- The Washington Times - Tuesday, May 16, 2006

In his televised address Monday night, President Bush hoped to quiet the enforcement-first members in his own party by leading with border security. That’s not the same as actually addressing their concerns. We are no more encouraged now than we were Monday morning about the president’s commitment to secure the border.

The president’s plan to increase the Border Patrol by 6,000 agents by 2009; place 6,000 National Guard troops on the border in a year-long supporting role; end the “catch-and-return” policy; and fully fund better security technology and barriers is all well and good. But it’s not nearly enough. To “have full control of the border,” as Mr. Bush phrased it, would require at least four times as many agents, the building of a wall and more. We recognize the drawbacks, both symbolically and fiscally, of a wall. Yet that’s what it would mean to have “full control of the border.”

Despite the administration’s prior commitment to hire 2,000 agents every year, its fiscal 2006 budget called for only 210 agents, or 10 percent of the promised increase. More recently, Sen. Judd Gregg, chairman of the Appropriations homeland security subcommittee, has complained about how the White House has “stiff-armed” his attempts to help Border Patrol purchase better equipment. This time around, Mr. Bush must back his words with legislative action.

On the other hand, we’re quite sure Mr. Bush means what he says about amnesty — a position the White House has just recently embraced. Of course, as the president repeatedly insisted, it’s not amnesty. Call it “earned citizenship,” phrasing that no doubt works well in a focus group. But when lawbreakers are rewarded with citizenship — whether they are in the front of the line or in back — that’s amnesty.

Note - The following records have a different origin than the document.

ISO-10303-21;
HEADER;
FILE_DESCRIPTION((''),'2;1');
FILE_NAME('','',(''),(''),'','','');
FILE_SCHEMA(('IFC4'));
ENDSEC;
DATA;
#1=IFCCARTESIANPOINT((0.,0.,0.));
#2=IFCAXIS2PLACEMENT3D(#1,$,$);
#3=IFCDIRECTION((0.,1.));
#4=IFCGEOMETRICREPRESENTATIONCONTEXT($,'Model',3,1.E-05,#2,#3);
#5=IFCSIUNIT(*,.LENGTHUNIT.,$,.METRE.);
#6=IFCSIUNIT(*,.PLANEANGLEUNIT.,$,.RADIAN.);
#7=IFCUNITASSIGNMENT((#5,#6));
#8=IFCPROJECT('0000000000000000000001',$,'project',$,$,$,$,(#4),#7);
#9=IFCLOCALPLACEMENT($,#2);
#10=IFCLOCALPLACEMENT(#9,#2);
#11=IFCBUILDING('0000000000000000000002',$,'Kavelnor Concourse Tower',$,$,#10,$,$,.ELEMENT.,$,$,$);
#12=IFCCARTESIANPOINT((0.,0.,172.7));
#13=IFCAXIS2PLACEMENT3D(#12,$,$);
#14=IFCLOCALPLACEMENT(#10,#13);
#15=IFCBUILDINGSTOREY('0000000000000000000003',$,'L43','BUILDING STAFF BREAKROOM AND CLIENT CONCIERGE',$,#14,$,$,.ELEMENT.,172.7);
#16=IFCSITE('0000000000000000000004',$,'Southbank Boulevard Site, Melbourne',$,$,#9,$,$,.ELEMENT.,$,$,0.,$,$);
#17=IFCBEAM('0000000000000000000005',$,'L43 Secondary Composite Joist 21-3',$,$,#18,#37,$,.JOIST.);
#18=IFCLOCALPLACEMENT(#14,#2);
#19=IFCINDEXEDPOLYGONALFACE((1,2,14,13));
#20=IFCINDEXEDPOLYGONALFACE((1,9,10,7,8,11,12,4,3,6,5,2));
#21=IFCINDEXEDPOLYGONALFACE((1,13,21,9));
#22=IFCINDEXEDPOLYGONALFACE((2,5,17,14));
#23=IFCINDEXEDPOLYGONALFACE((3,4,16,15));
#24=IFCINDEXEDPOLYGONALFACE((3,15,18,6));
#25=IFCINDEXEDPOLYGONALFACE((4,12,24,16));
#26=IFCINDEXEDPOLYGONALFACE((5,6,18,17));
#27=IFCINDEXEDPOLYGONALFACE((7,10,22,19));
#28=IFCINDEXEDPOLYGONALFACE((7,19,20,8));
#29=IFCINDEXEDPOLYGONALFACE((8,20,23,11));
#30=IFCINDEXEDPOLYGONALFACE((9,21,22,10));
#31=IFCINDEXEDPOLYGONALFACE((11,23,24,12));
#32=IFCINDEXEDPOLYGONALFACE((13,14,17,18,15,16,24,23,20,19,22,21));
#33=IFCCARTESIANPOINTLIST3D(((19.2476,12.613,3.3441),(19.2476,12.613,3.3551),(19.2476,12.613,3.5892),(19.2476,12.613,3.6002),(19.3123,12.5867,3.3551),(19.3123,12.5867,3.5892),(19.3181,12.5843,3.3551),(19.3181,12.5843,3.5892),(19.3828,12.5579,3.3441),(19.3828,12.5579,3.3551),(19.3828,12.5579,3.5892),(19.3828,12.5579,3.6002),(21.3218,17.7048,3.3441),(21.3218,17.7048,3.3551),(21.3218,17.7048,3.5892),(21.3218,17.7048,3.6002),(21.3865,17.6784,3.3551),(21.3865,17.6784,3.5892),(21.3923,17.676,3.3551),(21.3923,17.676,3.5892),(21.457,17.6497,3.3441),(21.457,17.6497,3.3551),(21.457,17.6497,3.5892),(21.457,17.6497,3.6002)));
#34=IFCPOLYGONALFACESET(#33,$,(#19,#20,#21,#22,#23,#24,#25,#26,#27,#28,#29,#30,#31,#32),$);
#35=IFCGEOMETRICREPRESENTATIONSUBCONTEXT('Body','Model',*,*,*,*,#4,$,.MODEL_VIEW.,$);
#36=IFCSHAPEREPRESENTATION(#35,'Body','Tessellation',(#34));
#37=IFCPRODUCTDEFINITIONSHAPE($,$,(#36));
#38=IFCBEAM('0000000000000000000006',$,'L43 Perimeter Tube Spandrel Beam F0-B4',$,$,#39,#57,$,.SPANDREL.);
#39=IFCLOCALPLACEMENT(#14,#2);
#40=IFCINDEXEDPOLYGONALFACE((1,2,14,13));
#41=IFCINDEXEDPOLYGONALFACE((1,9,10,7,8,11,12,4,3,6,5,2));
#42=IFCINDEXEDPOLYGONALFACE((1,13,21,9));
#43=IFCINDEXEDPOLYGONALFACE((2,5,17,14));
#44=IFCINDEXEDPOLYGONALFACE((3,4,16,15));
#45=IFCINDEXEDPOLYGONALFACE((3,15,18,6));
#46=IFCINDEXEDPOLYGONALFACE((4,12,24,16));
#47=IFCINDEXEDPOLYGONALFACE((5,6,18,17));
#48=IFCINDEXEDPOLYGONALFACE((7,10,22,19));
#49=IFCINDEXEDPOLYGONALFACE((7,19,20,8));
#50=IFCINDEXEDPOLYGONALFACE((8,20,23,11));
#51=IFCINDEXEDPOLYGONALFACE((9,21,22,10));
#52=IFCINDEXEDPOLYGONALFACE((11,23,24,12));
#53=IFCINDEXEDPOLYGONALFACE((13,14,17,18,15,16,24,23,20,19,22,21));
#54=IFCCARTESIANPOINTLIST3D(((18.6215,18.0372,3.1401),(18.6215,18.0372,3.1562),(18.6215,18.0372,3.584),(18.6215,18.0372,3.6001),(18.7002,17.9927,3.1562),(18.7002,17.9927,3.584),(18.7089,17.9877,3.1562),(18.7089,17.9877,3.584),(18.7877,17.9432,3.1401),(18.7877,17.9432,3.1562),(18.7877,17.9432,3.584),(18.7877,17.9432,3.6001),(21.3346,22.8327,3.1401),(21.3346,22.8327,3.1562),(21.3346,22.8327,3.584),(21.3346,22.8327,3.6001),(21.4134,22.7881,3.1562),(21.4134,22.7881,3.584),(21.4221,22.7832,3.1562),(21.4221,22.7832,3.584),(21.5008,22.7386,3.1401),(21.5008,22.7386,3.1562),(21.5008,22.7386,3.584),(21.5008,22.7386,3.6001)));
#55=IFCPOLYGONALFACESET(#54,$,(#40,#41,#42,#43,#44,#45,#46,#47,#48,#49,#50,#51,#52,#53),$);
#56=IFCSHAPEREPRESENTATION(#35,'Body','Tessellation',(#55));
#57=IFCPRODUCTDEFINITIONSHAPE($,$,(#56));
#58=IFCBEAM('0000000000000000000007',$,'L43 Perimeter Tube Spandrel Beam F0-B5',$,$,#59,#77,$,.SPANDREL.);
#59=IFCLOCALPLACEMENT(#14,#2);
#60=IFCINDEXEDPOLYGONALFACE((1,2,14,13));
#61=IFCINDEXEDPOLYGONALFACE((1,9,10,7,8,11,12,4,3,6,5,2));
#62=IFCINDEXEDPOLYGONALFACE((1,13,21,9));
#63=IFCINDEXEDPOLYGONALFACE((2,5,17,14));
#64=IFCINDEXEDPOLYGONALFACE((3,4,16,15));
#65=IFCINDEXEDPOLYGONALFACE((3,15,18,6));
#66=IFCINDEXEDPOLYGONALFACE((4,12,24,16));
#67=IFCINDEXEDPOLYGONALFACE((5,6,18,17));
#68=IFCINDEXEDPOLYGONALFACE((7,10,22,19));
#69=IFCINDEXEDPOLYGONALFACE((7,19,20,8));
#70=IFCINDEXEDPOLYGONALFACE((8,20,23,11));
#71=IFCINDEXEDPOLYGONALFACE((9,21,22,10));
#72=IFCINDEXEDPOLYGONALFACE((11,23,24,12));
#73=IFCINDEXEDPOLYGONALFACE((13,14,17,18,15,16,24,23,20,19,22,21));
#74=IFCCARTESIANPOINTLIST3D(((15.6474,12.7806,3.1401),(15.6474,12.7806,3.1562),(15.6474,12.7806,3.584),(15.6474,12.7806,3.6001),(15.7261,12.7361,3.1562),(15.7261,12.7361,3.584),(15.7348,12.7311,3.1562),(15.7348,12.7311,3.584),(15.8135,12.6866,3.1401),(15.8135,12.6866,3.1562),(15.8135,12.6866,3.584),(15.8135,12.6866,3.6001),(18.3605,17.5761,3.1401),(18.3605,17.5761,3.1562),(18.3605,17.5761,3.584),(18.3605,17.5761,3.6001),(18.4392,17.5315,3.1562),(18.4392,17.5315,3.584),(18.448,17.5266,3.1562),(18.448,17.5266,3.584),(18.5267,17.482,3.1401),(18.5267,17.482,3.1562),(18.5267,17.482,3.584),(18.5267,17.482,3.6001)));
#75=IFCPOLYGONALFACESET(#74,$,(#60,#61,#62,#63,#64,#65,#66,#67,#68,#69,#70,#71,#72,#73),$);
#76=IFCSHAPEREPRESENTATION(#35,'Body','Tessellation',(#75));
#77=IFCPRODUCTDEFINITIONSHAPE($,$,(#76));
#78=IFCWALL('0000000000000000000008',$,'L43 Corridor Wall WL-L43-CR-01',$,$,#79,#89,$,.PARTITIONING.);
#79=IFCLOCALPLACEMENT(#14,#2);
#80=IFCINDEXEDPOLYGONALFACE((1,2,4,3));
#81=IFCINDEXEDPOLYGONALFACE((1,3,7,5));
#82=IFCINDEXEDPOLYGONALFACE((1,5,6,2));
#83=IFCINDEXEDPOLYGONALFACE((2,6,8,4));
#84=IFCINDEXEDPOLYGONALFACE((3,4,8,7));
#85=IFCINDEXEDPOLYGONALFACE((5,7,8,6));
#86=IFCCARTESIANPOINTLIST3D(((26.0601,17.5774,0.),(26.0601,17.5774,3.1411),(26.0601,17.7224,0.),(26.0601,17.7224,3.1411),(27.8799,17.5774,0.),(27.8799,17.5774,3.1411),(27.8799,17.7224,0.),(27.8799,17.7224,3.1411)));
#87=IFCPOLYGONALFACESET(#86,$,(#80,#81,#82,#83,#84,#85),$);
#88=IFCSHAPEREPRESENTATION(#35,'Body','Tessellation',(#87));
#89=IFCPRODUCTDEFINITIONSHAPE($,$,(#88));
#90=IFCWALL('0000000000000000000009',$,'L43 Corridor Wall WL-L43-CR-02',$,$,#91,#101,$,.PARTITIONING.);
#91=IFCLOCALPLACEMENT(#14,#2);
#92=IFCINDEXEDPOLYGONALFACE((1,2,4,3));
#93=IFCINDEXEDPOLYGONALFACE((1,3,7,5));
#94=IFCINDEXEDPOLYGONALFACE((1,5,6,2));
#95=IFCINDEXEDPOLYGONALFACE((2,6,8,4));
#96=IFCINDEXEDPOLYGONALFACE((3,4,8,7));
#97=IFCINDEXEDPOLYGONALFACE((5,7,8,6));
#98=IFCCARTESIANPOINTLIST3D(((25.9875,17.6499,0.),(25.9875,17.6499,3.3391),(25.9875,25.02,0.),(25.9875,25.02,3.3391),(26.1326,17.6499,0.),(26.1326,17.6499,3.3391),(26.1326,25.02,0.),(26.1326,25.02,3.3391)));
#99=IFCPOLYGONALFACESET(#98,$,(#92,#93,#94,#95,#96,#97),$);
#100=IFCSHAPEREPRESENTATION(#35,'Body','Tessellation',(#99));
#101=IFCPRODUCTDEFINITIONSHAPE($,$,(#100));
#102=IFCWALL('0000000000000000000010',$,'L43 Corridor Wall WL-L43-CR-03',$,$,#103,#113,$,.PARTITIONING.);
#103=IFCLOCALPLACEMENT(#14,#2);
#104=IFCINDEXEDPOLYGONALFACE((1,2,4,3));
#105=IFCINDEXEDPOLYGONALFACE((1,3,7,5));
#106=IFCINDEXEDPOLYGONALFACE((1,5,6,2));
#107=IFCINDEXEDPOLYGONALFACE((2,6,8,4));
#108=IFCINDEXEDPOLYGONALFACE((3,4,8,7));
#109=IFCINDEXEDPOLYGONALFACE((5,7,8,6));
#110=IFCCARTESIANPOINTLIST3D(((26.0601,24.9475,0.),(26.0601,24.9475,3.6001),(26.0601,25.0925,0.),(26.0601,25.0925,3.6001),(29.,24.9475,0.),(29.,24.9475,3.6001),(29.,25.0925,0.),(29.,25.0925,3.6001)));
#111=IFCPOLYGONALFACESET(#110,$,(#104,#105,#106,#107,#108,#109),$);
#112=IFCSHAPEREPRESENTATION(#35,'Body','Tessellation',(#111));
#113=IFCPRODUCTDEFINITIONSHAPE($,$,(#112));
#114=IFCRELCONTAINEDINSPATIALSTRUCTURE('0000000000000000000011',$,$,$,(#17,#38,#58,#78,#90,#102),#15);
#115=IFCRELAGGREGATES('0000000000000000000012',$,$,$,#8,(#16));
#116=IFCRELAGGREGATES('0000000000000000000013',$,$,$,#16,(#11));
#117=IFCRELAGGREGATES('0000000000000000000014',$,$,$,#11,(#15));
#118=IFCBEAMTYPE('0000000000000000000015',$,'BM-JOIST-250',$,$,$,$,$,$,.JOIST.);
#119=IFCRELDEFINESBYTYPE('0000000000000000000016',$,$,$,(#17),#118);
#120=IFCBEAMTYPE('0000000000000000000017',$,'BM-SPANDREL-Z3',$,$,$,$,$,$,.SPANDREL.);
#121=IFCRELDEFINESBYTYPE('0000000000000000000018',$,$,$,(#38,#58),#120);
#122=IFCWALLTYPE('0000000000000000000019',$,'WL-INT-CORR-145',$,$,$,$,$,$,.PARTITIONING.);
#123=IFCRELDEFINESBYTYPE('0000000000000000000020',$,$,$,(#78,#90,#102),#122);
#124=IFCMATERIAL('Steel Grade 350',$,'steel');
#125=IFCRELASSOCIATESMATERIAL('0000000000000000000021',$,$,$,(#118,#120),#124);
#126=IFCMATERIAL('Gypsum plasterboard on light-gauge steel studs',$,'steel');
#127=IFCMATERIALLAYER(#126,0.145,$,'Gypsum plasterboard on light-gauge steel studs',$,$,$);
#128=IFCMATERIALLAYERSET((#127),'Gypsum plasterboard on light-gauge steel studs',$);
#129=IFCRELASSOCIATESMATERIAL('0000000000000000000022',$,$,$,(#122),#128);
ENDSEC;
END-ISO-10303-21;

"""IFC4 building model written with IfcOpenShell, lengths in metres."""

from ifc_helpers import new_model, si_unit, direction, frame, frame_2d, origin, origin_2d, place, context, subcontext, project, spatial, rectangle, i_section, extrude, material, layer, layer_set, material_profile, profile_set, type_object, element, save


model = new_model("IFC4")

# Units and contexts
model_context = context("Model", 3, precision=1e-05, world=origin(), true_north=direction((0.0, 1.0)))
body_context = subcontext(model_context, "Body", "Model", "MODEL_VIEW")
ifc_project = project(units=[si_unit("LENGTHUNIT", "METRE"), si_unit("PLANEANGLEUNIT", "RADIAN")], contexts=[model_context])

# Site, building, storey
site_placement = place(None, origin())
site = spatial("IfcSite", under=ifc_project, at=site_placement, Name="Southbank Boulevard Site, Melbourne", CompositionType="ELEMENT", RefElevation=0.0)
building_placement = place(site_placement, origin())
building = spatial("IfcBuilding", under=site, at=building_placement, Name="Kavelnor Concourse Tower", CompositionType="ELEMENT")
storey_placement = place(building_placement, frame((0.0, 0.0, 172.7)))
storey = spatial("IfcBuildingStorey", under=building, at=storey_placement, Name="L43", Description="BUILDING STAFF BREAKROOM AND CLIENT CONCIERGE", CompositionType="ELEMENT", Elevation=172.7)

# Shared definitions
ifc_material_1 = material(Name="Steel Grade 350", Category="steel")

# Beams
ifc_material_profile_1 = material_profile(ifc_material_1, i_section(OverallWidth=0.146, OverallDepth=0.2561, WebThickness=0.0063, FlangeThickness=0.011, at=origin_2d()), Name="250UB37")
ifc_profile_set_1 = profile_set([ifc_material_profile_1], Name="Steel Grade 350")
beam_type_1 = type_object("IfcBeamType", Name="BM-JOIST-250", PredefinedType="JOIST", material=ifc_profile_set_1)
beam_1_placement = place(storey_placement, frame((21.3894, 17.6772, 3.4722), z_axis=(-0.377263, -0.926106, 0.0), x_axis=(0.926106, -0.377263, 0.0)))
element("IfcBeam", 1, at=beam_1_placement, inside=storey, type_object=beam_type_1, Name="L43 Secondary Composite Joist 21-3", PredefinedType="JOIST", context=body_context, shape_type="SweptSolid", body=[
    extrude(i_section(OverallWidth=0.146, OverallDepth=0.2561, WebThickness=0.0063, FlangeThickness=0.011, at=origin_2d()), origin(), (0.0, 0.0, 1.0), 5.498),
])
ifc_material_profile_2 = material_profile(ifc_material_1, i_section(OverallWidth=0.1909, OverallDepth=0.46, WebThickness=0.01, FlangeThickness=0.0161, at=origin_2d()), Name="460UB82")
ifc_profile_set_2 = profile_set([ifc_material_profile_2], Name="Steel Grade 350")
beam_type_2 = type_object("IfcBeamType", Name="BM-SPANDREL-Z3", PredefinedType="SPANDREL", material=ifc_profile_set_2)
for number, where, z_axis, x_axis, name in (
    (2, (21.4177, 22.7856, 3.3701), (-0.492427, -0.870354, 0.0), (0.870354, -0.492427, 0.0), "L43 Perimeter Tube Spandrel Beam F0-B4"),
    (3, (18.4436, 17.5291, 3.3701), (-0.492427, -0.870354, 0.0), (0.870354, -0.492427, 0.0), "L43 Perimeter Tube Spandrel Beam F0-B5"),
):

The attempt to mask a proposal’s true nature is disingenuous, as is knocking down arguments the other side has never seriously considered. For instance, the president said that “some in this country argue that the solution is to deport every illegal immigrant — and that any proposal short of this amounts to amnesty.” This is a distortion of what supporters of enforcement-first have actually called for. The president continued: “There is a rational middle ground between granting an automatic path to citizenship…and a program of mass deportation.” Yes, there is: Federal, state and local law enforcement agencies can enforce the laws. Deportation is already the punishment for those caught in the country illegally, as are sanctions against employers who hire them.

Mr. Bush did strike the right notes on a few proposals, like assimilation through English and identification cards for legal foreign workers. Yet he let slip an invaluable opportunity to give the American people what they are demanding — a secure southern border.

If Mr. Bush feels it’s fair to describe the ugly side of securing the border and law enforcement, which we don’t deny, he should at least address the even uglier side of amnesty and a guest-worker program. He didn’t and that’s unfortunate.